Ein starker Raucher hat gelbe Finger trotz Filterzigaretten, die ganze Wohnung und jeder Gegenstand riecht nach Rauch und man hat das Gefühl, dass er plötzlich ungewohnt viele Hände hat, wenn er mal nicht raucht...

Mit einer Zigarette pro Woche liege ich dagegen wohl weit am unteren Ende der Skala.


----------



## Gast20141208 (3. Juni 2009)

O.k., habe jetzt meinen Aschenbecher etwas weiter von meinem Notebook platziert.


----------



## LordMeuchelmord (3. Juni 2009)

Hehe...


----------



## PIXI (4. Juni 2009)

ich gehe zum rauchen immer auf den balkon...

aber mein kollege nicht und der raucht noch mehr wie ich, eines abends war ich mal bei ihm 
um ein paar bierchen zu kippen und das übliche pc-gefasel (das war so eine komische session)...
nach ein paar pullen mehr standen wir zwei vor seinem rechner und qualmten den pc voll, um 
den airflow zu prüfen

aber er hat wirklich keine probs wegen verstopften kühler oder lüfter, aber
gelblich werden die teile schon.

gruß PIX


----------



## On/OFF (4. Juni 2009)

@Pixi --- airflow


----------



## KoRsE (4. Juni 2009)

Ich war mal bei nem Kumpel auf einer LAN in einer kleinen Wohnung, da haben von 5 Leuten 4 geraucht. Ich hab danach meinen Rechner wieder in meine Nichtraucherwohnung gebracht und ihn angemacht und mir kam fast das kotzen.

Das Plastik hatte sich so mit dem Qualm vollgesaugt (gerade die Lüfter), dass es 3 Tage gedauert hat, bis der PC aufgehört hat zu stinken...

Gruß


----------



## Masterwana (4. Juni 2009)

Wie schon gesagt wurde können Teer und Staub die Kühler verkleben.

*Hier* könnt ihr Bilder dazu sehen.
Hab vor kurzem mal in den PC eines Arbeitskollegen geschaut: der 80er Lüfter ist schon zu 50% verklebt! 
 Meinem Kollegen wars egal!!!


----------



## Happy Chicken (5. Juni 2009)

derLordselbst schrieb:


> Äh, ich glaube unter starker Raucher verstehen wir unterschiedliche Mengen, Happy Chicken. Eine halbe Schachtel ist aus meiner Sicht ein normaler Raucher.^^
> 
> Ein starker Raucher hat gelbe Finger trotz Filterzigaretten, die ganze Wohnung und jeder Gegenstand riecht nach Rauch und man hat das Gefühl, dass er plötzlich ungewohnt viele Hände hat, wenn er mal nicht raucht...
> 
> Mit einer Zigarette pro Woche liege ich dagegen wohl weit am unteren Ende der Skala.

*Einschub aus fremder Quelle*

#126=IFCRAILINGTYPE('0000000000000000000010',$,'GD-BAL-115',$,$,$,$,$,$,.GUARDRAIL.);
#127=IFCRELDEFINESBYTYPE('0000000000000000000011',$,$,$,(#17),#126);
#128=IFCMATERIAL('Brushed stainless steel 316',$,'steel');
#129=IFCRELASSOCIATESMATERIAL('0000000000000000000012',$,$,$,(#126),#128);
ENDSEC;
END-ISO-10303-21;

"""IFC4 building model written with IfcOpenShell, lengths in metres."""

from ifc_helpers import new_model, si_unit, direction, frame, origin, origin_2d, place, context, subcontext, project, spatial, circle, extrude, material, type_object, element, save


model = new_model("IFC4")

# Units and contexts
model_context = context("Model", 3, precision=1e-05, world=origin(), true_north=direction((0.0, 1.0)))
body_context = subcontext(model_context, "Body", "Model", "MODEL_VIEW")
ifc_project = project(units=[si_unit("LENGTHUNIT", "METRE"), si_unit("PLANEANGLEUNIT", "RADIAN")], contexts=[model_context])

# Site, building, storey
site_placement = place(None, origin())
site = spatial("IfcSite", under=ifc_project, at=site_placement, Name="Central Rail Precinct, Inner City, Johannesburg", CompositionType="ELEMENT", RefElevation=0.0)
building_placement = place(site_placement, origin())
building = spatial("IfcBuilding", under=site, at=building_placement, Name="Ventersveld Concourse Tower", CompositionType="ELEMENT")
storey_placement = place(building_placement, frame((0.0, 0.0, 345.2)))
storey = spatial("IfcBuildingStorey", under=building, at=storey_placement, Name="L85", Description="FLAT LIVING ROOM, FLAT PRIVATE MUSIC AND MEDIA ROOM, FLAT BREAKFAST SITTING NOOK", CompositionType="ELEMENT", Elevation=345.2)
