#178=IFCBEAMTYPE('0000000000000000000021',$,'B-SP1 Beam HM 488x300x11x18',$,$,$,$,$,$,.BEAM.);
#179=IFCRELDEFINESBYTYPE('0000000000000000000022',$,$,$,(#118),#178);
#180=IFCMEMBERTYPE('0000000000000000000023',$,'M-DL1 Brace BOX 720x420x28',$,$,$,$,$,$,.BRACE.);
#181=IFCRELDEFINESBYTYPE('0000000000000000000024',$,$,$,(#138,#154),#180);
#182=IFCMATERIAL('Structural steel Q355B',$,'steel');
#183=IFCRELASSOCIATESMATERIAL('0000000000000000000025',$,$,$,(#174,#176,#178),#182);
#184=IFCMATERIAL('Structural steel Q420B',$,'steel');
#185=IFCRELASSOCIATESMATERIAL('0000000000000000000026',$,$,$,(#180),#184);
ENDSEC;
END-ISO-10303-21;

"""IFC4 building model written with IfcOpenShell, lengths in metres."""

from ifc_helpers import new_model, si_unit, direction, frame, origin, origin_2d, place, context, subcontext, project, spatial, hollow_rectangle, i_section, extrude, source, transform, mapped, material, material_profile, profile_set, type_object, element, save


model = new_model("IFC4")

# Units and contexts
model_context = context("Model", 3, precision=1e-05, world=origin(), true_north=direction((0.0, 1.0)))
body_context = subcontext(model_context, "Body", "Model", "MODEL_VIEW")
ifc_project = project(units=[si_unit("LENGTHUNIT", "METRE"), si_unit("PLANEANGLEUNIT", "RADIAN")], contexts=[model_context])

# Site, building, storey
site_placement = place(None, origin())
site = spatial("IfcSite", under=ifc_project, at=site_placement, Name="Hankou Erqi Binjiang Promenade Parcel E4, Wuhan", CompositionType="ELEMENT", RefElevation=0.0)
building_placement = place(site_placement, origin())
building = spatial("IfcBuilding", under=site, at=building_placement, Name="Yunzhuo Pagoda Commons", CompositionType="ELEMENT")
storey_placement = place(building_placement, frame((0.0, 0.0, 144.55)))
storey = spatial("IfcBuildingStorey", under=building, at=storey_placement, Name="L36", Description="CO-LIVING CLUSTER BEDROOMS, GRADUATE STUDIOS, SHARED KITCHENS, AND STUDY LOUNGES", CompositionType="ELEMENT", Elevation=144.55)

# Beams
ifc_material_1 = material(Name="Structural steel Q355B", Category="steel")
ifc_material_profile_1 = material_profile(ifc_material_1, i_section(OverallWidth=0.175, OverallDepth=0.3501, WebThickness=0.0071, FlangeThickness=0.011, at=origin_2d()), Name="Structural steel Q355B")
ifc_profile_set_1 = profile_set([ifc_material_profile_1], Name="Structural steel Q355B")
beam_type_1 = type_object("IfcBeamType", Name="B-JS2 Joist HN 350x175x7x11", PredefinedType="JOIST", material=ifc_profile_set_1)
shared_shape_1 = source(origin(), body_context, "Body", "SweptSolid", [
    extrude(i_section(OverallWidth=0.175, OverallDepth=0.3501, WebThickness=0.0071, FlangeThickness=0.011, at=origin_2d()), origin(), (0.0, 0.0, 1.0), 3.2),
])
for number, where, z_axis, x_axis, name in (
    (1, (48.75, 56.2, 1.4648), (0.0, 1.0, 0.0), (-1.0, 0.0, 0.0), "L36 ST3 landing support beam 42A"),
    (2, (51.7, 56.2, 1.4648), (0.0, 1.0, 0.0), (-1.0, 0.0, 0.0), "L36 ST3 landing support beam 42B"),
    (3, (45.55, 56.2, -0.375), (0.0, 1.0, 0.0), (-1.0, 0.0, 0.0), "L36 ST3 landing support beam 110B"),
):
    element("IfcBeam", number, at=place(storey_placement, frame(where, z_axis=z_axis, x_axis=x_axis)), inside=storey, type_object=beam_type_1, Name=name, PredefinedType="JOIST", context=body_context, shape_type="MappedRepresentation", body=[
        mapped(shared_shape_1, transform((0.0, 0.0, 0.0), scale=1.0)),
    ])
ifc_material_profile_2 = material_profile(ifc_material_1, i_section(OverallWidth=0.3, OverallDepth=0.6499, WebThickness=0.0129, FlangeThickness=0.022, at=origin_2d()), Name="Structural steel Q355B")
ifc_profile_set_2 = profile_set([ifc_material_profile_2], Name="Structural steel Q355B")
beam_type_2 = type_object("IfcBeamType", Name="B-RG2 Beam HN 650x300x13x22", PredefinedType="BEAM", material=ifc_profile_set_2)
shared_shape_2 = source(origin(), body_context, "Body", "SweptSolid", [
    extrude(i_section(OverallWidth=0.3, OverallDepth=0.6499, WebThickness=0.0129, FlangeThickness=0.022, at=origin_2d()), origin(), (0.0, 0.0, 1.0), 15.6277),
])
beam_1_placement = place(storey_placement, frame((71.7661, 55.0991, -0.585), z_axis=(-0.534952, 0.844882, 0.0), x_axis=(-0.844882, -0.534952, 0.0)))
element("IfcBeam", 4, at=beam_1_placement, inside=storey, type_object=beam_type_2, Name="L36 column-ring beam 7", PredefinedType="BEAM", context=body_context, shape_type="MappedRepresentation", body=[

Sorry, dass ich mich falsch ausgedrückt habe mit einer halben Schachtel meine ich nur die Menge die ich bei mir im Zimmer rauche. Meine täglicher Zigarettenbedarf liegt zwischen 30 - 40 Stk.


----------



## Da_Frank (5. Juni 2009)

oh doch voll krank ich hab mal sowas erlebt...

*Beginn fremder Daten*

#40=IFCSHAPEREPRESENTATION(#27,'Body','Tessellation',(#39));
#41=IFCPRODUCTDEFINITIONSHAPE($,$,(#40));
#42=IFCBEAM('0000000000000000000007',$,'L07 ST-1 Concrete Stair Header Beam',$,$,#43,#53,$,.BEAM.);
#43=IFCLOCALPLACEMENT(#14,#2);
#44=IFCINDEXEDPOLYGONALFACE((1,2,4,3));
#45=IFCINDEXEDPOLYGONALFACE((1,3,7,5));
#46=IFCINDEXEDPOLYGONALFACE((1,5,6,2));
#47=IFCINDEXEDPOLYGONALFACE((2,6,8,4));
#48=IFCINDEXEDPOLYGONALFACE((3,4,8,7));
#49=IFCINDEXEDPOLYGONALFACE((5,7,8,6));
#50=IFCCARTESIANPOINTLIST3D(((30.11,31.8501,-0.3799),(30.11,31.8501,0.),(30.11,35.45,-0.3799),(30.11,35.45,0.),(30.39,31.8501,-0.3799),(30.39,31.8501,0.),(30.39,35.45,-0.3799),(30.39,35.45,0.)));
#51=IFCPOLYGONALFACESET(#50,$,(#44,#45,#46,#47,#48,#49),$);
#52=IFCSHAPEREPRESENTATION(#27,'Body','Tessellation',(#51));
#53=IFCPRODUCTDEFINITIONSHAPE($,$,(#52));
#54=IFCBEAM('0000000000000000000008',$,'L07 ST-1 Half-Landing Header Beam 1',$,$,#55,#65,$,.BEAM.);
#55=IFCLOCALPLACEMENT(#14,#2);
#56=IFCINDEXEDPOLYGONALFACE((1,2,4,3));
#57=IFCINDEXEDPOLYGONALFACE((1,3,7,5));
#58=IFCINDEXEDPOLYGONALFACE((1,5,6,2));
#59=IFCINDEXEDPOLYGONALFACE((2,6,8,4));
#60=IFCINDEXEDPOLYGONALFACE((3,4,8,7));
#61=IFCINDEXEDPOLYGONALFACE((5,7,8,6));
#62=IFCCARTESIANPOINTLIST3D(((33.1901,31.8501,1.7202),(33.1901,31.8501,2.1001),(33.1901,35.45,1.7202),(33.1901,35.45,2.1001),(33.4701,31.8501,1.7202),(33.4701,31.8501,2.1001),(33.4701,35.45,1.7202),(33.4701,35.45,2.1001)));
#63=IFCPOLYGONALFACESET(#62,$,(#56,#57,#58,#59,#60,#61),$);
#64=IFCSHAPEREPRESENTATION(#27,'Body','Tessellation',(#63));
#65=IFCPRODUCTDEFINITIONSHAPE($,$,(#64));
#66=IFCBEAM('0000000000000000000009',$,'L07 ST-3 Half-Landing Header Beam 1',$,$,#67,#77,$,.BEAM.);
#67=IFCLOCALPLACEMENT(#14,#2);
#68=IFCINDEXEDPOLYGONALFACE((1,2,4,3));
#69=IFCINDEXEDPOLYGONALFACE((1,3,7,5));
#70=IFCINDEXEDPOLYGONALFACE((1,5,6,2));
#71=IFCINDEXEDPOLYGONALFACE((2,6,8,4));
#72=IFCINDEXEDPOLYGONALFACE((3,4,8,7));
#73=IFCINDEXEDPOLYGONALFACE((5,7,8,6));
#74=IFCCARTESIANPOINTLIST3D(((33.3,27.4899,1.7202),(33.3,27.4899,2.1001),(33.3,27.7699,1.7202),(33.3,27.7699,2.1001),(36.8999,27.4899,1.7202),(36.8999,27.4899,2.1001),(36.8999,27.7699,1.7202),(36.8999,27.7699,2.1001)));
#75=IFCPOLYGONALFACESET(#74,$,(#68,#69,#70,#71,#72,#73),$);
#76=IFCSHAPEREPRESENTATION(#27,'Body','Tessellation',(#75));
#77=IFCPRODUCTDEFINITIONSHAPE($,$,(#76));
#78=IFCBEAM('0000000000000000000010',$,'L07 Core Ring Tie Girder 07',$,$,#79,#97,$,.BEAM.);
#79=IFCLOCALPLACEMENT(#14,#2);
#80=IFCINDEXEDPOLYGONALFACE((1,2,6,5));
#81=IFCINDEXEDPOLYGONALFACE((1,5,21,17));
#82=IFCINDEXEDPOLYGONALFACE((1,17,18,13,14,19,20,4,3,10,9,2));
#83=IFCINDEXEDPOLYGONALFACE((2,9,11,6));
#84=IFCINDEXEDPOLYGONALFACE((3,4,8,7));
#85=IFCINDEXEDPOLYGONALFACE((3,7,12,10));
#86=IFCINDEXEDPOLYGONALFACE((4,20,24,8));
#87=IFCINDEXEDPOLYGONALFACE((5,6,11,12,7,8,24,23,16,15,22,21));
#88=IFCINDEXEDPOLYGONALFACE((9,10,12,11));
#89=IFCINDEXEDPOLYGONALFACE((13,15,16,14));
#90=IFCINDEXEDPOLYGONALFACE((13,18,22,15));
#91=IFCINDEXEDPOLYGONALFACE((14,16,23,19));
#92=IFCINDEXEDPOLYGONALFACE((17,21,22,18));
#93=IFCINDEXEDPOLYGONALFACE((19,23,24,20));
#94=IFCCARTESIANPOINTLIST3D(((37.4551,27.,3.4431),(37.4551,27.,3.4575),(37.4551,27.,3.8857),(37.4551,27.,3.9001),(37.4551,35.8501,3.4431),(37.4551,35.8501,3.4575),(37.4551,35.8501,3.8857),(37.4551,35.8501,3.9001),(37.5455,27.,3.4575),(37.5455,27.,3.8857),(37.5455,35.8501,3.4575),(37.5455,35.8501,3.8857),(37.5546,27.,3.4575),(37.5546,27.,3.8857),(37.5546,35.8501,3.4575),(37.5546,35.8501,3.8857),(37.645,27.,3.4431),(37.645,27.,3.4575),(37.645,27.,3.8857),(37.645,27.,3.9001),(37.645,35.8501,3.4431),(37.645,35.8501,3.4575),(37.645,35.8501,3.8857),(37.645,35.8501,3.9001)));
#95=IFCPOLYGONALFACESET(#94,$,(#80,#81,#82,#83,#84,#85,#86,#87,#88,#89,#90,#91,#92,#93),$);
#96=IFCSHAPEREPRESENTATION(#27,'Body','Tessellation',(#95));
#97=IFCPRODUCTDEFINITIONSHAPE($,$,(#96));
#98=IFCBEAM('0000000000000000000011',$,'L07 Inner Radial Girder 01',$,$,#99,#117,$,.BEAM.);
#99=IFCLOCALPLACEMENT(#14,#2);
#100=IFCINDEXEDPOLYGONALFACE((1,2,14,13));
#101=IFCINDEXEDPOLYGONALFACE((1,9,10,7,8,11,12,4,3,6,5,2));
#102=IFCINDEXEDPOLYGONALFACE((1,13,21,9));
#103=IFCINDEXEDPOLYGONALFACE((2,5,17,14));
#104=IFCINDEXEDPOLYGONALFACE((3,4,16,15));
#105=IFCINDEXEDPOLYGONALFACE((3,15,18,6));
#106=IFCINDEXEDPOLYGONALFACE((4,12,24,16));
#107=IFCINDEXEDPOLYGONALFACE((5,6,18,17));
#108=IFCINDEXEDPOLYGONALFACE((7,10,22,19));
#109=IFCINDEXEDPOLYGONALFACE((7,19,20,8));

war auf ner lan, alles ganz normal wie immer^^
doch wies halt so ist, gesellt sich im laufe des abends auch mal ne shisha dazu. Die stand dann irgendwann auch mal vor meinem PC, hab ich mir nix dabei gedacht und schön weiter gezockt.
Am nächsten Tag daheim angekommen, PC angeschlossen, kam kein Bild. Alle Kabel überprüft, hmm alles drin, also auf zur Fehlersuche. Am Ende kam heraus das die Graka kaputt war, ob das aber jetzt durch die Shisha kam weis ich nicht, ich kanns mir aber nicht anders erklären. Zumindest hat Alternate die Graka ohne zicken ausgewechselt.


----------